Our solutions consider each client's specific market situation, industry, business model, geography, marketing, and pricing strategy. By incorporating hundreds of factors and learning from past data, we offer a comprehensive market overview that fosters improved decision-making. This customized approach ensures the effectiveness and relevance of our demand forecasting solutions for each client's unique needs.
Take, for example, a major retailer with over 40,000 SKUs struggling with excess inventory and generic forecasting tools that failed to account for their specific products and markets. Utilizing various machine learning methodologies, we developed a customized consumer-demand forecasting model, incorporating factors such as sales seasonality, pricing and promotions plans, store micromarket characteristics (e.g., socio-economic levels), cross-product elasticity, and competitor presence.

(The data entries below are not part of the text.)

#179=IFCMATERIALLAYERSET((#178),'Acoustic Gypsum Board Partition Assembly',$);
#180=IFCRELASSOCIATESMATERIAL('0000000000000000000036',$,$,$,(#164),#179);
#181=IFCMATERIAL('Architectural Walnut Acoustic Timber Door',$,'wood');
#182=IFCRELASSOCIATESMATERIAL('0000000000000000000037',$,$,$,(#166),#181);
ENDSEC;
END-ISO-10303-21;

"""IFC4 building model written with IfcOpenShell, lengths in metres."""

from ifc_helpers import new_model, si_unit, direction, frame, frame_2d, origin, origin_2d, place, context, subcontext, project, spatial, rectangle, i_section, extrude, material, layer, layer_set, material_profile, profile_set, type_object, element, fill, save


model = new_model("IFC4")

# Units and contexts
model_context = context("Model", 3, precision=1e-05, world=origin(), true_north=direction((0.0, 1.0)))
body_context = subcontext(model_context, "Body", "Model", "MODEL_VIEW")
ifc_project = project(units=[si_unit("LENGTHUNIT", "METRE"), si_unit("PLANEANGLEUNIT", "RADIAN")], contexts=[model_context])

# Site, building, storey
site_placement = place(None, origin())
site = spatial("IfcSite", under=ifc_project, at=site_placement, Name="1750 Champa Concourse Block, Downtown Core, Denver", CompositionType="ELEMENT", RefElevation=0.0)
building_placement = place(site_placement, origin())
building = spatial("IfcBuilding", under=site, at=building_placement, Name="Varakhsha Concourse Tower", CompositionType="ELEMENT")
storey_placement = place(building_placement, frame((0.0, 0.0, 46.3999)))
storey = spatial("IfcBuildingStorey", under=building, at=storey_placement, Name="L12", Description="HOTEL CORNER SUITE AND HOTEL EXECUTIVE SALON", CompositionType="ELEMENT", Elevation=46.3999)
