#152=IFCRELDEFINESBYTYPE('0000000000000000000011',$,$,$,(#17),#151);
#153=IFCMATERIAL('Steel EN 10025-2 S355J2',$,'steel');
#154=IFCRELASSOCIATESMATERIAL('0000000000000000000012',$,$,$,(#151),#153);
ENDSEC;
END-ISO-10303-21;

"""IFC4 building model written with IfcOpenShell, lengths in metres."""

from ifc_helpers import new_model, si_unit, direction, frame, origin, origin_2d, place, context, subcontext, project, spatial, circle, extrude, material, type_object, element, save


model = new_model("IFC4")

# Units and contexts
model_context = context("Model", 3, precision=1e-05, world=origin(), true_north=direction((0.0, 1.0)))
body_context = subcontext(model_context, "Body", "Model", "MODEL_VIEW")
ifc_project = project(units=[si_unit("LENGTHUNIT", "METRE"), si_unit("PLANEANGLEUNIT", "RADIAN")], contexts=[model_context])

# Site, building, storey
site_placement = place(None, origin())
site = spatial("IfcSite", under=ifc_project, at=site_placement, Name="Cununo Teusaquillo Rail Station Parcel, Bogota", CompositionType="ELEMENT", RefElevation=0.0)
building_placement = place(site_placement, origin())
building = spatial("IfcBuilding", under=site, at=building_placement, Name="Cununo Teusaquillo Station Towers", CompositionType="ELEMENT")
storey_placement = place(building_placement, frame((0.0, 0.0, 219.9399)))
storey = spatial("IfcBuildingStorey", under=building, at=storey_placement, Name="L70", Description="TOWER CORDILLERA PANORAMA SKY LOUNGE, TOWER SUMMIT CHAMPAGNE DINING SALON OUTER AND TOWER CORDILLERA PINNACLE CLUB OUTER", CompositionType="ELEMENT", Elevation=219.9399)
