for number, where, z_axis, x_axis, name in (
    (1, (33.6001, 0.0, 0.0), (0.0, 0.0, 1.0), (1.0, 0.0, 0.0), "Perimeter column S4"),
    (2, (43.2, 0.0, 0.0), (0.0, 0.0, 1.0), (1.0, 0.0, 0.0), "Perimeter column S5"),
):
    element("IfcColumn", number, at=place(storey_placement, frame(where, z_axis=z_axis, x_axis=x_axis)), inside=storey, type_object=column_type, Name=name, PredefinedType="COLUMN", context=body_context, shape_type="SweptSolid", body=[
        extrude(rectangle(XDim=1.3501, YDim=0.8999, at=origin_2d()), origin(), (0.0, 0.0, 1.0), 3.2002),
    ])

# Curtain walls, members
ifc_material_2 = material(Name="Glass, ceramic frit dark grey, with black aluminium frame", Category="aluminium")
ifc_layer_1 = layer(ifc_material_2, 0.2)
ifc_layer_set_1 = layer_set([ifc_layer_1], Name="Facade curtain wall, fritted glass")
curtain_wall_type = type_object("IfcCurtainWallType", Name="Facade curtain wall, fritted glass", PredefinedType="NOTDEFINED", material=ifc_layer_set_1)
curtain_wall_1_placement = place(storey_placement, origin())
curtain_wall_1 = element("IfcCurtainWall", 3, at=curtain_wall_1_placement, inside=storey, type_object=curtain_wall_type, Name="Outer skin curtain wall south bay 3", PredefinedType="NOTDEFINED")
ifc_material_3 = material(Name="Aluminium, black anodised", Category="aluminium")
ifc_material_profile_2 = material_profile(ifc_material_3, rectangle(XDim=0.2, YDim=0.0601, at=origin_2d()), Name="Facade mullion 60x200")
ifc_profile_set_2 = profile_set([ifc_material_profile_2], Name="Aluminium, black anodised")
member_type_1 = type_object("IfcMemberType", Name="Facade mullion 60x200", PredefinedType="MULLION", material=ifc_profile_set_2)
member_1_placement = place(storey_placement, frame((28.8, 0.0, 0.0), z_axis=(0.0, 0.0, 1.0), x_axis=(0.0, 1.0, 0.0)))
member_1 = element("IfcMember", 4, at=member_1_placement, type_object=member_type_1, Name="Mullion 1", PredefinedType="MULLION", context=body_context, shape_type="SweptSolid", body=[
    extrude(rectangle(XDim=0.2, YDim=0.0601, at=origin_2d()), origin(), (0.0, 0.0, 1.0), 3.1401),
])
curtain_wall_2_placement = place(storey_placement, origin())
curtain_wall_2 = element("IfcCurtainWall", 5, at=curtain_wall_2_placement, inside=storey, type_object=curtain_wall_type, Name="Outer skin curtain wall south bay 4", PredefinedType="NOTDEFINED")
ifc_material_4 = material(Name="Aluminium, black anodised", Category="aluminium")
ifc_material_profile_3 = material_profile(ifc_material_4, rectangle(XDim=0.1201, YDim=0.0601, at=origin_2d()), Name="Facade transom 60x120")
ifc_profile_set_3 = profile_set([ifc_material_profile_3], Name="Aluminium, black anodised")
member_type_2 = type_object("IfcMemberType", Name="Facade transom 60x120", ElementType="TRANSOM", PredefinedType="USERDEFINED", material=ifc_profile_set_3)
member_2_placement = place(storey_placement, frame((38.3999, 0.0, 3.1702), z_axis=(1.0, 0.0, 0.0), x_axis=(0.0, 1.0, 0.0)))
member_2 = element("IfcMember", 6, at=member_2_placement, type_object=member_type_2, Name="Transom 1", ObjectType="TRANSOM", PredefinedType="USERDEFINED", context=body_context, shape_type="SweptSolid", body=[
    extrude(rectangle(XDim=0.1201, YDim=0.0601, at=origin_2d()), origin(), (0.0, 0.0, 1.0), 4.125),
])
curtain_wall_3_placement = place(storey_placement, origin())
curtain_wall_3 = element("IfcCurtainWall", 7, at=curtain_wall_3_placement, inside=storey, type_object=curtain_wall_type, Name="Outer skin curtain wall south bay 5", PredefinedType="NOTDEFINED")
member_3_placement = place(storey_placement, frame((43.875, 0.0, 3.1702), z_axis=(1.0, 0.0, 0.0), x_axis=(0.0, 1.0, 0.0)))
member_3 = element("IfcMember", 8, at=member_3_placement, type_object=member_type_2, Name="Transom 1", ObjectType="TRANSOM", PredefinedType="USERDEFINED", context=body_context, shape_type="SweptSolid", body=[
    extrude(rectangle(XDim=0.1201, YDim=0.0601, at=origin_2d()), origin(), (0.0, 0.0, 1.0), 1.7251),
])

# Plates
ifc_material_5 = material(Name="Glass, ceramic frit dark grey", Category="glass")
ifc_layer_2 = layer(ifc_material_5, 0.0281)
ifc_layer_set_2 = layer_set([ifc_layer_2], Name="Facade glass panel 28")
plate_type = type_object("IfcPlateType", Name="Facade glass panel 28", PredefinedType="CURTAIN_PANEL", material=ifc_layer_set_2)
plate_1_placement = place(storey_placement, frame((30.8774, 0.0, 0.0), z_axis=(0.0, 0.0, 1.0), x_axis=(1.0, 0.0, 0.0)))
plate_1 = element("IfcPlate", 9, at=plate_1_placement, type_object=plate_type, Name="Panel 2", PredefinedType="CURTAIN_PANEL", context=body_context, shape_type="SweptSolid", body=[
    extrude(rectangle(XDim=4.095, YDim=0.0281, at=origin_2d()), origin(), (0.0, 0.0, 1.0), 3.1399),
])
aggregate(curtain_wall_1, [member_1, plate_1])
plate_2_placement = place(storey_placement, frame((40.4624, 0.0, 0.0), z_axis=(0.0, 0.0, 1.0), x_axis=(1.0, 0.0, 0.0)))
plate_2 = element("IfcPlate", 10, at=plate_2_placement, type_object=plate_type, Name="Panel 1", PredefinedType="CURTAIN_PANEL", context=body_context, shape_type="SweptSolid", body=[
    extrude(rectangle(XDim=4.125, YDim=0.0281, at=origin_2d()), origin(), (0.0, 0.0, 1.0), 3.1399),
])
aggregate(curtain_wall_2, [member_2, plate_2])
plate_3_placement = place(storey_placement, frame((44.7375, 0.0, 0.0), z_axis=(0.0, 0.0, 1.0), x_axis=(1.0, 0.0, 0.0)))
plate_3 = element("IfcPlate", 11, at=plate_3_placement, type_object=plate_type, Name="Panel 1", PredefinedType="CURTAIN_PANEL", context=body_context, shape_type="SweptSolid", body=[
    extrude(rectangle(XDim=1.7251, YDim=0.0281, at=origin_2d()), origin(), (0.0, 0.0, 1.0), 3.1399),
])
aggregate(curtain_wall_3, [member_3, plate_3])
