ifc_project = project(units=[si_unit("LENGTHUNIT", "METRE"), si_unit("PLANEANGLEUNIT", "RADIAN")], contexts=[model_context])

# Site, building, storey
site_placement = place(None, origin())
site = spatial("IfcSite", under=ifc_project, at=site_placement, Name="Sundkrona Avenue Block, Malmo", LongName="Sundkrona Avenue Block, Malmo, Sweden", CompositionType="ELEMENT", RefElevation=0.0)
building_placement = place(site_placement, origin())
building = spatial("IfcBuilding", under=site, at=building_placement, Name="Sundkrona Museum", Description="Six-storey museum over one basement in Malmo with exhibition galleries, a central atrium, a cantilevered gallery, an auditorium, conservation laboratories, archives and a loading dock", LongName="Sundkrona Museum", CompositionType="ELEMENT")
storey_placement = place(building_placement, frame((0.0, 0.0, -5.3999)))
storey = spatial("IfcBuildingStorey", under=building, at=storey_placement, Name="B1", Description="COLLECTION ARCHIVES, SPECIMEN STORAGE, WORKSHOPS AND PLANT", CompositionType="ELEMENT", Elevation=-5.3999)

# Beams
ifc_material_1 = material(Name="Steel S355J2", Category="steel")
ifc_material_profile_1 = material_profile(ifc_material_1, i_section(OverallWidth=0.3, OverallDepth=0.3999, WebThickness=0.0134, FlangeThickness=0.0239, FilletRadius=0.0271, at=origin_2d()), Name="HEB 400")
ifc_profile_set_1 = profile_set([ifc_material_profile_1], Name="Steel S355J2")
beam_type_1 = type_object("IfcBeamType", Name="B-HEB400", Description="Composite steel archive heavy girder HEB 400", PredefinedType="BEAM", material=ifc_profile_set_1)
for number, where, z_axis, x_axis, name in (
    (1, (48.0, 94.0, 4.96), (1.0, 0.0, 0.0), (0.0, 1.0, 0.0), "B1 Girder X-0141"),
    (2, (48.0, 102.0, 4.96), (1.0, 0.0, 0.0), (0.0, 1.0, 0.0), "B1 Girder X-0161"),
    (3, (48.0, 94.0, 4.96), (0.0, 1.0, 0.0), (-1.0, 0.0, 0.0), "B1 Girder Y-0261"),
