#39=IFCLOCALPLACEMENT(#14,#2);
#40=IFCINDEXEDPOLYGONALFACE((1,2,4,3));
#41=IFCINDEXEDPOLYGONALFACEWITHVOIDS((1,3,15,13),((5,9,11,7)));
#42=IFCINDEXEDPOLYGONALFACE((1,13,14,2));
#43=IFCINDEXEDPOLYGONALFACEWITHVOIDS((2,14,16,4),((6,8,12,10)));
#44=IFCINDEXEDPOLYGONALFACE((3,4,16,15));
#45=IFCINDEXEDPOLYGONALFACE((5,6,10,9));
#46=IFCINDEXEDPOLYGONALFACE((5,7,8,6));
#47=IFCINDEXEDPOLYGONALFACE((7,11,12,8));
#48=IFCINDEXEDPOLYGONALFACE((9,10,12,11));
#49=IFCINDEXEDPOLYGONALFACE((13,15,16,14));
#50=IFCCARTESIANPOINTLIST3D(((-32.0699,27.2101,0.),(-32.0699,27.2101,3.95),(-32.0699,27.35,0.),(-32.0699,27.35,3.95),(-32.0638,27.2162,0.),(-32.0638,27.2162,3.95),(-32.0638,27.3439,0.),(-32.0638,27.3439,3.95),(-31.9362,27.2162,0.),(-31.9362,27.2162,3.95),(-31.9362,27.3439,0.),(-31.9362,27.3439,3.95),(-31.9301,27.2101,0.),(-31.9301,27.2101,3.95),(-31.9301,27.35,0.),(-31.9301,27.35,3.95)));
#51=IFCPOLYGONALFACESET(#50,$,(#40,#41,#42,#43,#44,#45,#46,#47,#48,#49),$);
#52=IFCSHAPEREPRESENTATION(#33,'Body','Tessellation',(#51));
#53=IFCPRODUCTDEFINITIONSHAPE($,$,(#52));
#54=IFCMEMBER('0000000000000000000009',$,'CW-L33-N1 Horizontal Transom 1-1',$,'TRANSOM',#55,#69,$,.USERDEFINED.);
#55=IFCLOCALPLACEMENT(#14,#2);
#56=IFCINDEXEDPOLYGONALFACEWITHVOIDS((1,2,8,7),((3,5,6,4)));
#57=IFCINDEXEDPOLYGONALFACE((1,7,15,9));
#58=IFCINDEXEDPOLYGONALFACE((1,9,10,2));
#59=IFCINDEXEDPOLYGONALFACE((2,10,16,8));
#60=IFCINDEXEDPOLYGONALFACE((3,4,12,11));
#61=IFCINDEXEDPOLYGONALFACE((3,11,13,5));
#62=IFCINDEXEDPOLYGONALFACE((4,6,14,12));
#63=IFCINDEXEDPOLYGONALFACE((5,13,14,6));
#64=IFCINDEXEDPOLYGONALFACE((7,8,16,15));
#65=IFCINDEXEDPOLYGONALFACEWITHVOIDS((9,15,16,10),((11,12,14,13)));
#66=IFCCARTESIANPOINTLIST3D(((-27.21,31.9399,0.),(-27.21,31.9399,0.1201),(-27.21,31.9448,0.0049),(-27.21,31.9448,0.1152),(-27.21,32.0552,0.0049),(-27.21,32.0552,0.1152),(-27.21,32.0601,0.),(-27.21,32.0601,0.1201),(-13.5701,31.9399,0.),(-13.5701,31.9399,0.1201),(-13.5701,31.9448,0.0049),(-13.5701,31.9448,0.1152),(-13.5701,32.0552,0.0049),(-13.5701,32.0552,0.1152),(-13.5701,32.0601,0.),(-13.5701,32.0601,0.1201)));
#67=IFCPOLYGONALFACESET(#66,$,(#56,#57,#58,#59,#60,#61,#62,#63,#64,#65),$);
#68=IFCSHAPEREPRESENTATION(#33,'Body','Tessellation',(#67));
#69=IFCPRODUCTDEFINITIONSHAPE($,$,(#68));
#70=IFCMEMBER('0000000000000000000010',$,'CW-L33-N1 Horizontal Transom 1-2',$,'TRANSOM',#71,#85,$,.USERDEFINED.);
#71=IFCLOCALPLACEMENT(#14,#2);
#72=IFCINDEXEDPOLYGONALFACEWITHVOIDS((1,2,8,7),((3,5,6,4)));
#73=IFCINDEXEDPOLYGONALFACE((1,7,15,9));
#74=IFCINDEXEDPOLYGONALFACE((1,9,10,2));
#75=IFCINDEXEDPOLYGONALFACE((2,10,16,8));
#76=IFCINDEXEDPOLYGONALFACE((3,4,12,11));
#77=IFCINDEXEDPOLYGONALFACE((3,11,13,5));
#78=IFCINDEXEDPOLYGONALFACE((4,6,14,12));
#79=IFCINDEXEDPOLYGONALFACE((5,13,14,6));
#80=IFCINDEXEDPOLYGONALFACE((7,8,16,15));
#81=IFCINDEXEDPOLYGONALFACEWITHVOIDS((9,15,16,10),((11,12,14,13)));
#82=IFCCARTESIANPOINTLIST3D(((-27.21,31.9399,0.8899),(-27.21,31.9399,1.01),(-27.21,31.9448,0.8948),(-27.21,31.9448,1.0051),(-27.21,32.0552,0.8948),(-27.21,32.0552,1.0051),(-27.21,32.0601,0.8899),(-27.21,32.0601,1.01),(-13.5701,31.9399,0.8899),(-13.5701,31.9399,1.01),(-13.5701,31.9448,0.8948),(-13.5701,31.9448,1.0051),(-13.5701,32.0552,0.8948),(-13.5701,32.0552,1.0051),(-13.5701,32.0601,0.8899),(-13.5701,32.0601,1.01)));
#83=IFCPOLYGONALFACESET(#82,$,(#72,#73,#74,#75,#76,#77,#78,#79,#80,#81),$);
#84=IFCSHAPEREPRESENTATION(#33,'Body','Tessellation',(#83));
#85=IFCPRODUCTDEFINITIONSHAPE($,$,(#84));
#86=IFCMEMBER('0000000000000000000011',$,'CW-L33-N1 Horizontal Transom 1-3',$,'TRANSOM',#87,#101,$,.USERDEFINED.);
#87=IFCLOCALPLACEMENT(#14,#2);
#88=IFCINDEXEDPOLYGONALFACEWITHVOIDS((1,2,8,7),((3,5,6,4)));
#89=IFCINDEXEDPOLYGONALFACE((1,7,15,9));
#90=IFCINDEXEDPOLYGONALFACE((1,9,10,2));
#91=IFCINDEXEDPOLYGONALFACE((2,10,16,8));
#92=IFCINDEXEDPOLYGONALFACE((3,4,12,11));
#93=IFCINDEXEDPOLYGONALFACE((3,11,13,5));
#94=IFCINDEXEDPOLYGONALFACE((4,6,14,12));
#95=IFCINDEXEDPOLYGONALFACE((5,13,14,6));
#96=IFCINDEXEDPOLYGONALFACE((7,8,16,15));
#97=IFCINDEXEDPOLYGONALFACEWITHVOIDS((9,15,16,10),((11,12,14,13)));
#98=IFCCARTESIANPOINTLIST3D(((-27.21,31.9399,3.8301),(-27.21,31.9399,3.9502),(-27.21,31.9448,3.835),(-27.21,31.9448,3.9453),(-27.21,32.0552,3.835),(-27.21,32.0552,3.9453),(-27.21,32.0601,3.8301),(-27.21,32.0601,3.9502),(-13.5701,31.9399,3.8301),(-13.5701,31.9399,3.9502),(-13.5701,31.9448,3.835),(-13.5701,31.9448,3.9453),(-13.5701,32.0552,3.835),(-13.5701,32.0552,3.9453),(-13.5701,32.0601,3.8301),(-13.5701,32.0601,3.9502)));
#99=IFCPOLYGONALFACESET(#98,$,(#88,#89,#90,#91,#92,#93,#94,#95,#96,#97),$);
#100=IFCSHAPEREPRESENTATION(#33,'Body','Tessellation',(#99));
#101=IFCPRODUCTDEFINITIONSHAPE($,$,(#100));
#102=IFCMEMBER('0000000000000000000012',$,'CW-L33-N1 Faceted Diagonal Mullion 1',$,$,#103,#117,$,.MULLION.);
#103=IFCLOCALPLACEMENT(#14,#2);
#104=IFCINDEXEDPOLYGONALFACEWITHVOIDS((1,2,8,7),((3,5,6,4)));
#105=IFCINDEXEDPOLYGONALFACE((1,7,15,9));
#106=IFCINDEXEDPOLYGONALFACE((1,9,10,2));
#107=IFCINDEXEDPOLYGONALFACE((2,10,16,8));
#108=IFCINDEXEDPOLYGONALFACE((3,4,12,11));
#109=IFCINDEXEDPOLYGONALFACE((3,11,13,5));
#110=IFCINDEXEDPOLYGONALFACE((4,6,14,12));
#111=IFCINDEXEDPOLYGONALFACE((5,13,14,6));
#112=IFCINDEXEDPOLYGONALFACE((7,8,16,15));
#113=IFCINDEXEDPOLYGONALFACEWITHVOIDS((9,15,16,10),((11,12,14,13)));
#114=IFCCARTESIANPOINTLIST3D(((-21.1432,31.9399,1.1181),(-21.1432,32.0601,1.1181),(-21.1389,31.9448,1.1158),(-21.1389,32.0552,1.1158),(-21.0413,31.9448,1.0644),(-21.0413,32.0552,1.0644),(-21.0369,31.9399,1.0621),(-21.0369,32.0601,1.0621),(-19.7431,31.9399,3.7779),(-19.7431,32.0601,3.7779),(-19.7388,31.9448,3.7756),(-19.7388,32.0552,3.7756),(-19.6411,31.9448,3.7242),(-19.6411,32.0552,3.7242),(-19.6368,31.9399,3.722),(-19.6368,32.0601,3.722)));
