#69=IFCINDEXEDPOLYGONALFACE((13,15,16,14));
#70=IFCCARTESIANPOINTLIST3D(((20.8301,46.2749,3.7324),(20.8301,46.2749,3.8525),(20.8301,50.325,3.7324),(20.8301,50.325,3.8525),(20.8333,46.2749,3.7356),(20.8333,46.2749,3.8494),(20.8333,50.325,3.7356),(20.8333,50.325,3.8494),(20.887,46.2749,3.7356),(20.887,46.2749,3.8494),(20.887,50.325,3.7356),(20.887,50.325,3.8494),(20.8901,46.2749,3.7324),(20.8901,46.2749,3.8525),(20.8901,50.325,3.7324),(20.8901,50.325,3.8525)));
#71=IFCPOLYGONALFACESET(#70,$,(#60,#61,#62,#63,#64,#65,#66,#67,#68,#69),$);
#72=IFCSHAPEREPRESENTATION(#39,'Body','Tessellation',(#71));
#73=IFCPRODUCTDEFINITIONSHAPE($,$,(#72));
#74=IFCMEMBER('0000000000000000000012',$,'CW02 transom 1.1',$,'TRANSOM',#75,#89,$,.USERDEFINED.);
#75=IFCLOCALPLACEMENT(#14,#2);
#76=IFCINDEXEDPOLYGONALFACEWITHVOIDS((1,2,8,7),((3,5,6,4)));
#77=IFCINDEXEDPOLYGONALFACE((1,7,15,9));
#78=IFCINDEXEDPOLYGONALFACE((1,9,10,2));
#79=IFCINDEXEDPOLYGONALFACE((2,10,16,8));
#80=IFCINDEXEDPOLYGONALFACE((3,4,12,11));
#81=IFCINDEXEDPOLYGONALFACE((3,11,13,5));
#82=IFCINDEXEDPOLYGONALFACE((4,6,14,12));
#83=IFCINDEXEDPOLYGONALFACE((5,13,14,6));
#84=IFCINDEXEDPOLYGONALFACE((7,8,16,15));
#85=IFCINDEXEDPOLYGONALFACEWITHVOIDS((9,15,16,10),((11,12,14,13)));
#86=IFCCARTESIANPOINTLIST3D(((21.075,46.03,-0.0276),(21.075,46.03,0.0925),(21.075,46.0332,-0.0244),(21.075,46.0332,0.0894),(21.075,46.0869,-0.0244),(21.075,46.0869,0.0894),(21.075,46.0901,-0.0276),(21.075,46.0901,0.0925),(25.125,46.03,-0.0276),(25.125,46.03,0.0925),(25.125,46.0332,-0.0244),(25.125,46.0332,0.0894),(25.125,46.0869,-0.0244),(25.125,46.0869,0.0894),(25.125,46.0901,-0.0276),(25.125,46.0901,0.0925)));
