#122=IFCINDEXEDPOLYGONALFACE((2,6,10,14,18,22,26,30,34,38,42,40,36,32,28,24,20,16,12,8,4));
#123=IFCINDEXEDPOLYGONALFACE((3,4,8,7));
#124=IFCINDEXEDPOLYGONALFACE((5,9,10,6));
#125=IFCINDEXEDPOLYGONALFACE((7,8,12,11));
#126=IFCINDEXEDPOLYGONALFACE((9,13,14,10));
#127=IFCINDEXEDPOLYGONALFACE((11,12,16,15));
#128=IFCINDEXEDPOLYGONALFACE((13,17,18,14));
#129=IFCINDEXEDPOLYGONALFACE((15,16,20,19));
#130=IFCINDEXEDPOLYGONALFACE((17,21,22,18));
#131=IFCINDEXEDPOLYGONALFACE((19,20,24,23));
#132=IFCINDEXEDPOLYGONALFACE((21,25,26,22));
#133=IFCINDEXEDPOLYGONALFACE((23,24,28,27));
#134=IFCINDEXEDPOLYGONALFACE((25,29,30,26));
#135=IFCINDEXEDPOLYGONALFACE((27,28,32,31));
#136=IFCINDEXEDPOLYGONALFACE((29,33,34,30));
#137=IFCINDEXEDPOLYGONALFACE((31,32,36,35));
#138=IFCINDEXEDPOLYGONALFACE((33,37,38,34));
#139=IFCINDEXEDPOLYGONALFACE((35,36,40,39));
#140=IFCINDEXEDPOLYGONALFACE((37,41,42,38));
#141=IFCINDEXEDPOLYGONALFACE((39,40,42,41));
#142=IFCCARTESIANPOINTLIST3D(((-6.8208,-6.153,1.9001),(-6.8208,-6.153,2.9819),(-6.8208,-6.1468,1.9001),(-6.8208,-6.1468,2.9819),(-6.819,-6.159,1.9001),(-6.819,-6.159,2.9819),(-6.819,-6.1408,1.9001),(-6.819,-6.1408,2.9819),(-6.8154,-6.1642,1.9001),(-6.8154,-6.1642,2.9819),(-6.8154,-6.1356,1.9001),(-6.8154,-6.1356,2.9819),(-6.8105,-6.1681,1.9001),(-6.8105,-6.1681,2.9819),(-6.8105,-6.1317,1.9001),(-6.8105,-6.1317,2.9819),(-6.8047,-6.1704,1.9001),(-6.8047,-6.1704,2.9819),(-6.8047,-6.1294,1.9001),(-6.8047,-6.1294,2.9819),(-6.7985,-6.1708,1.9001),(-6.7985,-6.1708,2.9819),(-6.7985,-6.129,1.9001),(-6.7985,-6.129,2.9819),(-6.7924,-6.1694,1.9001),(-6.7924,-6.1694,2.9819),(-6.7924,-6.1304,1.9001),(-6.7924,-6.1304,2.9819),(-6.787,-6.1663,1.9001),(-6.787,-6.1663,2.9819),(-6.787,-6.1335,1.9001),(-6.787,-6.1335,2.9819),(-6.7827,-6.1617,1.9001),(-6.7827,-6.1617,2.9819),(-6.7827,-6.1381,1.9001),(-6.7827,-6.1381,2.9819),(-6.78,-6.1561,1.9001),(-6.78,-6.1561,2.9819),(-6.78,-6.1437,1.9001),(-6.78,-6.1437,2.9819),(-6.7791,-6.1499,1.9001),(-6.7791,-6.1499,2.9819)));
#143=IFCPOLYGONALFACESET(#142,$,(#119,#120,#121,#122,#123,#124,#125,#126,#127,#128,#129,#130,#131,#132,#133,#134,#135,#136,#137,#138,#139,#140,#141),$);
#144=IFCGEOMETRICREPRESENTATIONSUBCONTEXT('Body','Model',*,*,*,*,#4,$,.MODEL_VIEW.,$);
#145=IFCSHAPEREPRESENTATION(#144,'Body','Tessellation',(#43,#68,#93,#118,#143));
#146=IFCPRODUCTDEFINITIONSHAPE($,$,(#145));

This approach led to a highly accurate and robust forecasting tool, improving sales accuracy from 61% to 84%. As a result, the retailer experienced an 8% reduction in obsolescence, a 3.5% decrease in missed sales due to stockouts, and a reduction of inventory turnover by 9 days. This impact represents a return on investment of over 15 times the initial investment in additional profits. See case study below:
Demand forecasting serves as the foundation for optimizing key business processes, including supply chain management, pricing and promotions, production planning, financial planning, and marketing and sales strategy. By accurately predicting customer demand, companies can allocate resources more effectively, reduce costs, and improve customer satisfaction. The increased efficiency and impact of demand forecasting in each area demonstrate its significance for achieving success in today's competitive business environment.